Le barème comporte six tranches : 0 % jusqu’à 800 000 €, 0,5 % de 800 001 à 1 300 000 €, 0,7 % de 1 300 001 à 2 570 000 €, 1 % de 2 570 001 à 5 000 000 €, 1,25 % de 5 000 001 à 10 000 000 € et 1,5 % au-delà. L’imposition n’est effective qu’au-delà de 1,3 M€ de patrimoine net taxable.
Comment fonctionne le plafonnement à 75 % de l’IFI ?
Le plafonnement limite la somme de l’IFI, de l’impôt sur le revenu et des prélèvements sociaux à 75 % des revenus nets de l’année précédente. Si ce seuil est dépassé, l’excédent vient en réduction de l’IFI. Ce mécanisme protège particulièrement les contribuables dont le patrimoine immobilier est élevé mais dont les revenus restent modérés.

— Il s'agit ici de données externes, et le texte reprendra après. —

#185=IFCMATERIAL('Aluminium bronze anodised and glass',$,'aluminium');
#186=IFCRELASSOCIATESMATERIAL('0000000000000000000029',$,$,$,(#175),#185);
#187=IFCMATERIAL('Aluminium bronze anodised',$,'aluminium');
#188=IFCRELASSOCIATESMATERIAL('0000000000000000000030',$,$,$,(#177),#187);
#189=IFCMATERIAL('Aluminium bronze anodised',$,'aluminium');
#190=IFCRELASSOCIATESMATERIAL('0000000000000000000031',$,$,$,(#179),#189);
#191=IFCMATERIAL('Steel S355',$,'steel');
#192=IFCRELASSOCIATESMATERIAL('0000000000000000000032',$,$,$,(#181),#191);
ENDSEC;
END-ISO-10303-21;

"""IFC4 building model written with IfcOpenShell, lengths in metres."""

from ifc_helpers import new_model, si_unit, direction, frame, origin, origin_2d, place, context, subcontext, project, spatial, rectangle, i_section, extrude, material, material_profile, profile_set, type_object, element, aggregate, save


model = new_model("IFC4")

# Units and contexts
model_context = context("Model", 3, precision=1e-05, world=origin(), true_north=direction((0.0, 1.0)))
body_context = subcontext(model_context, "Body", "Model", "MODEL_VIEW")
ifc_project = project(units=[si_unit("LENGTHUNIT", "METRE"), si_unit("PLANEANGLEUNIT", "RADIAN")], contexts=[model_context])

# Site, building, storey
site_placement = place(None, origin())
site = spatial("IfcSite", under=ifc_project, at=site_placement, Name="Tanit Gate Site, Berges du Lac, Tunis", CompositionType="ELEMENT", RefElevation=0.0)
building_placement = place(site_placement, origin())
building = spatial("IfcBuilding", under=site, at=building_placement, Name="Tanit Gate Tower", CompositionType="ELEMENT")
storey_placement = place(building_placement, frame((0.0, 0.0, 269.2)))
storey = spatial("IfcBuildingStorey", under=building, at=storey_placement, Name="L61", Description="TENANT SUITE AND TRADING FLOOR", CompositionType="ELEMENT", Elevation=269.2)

Peut-on déduire un crédit immobilier de l’IFI ?
Oui, le capital restant dû d’un emprunt immobilier contracté pour acquérir ou améliorer un bien imposable est déductible de l’assiette IFI. Les emprunts in fine font l’objet d’une déduction dégressive (calculée comme si le capital s’amortissait linéairement). Les dettes adossées à des biens exonérés ne sont pas déductibles.
Un don à une fondation réduit-il vraiment l’IFI ?
Oui, un don à une fondation reconnue d’utilité publique ouvre droit à une réduction d’IFI de 75 % du montant donné, plafonnée à 50 000 € par an. Pour bénéficier de cette réduction, le don doit être effectué avant la date limite de déclaration. Concrètement, un don de 10 000 € efface 7 500 € d’IFI, ce qui revient à un coût net de 2 500 € pour le donateur.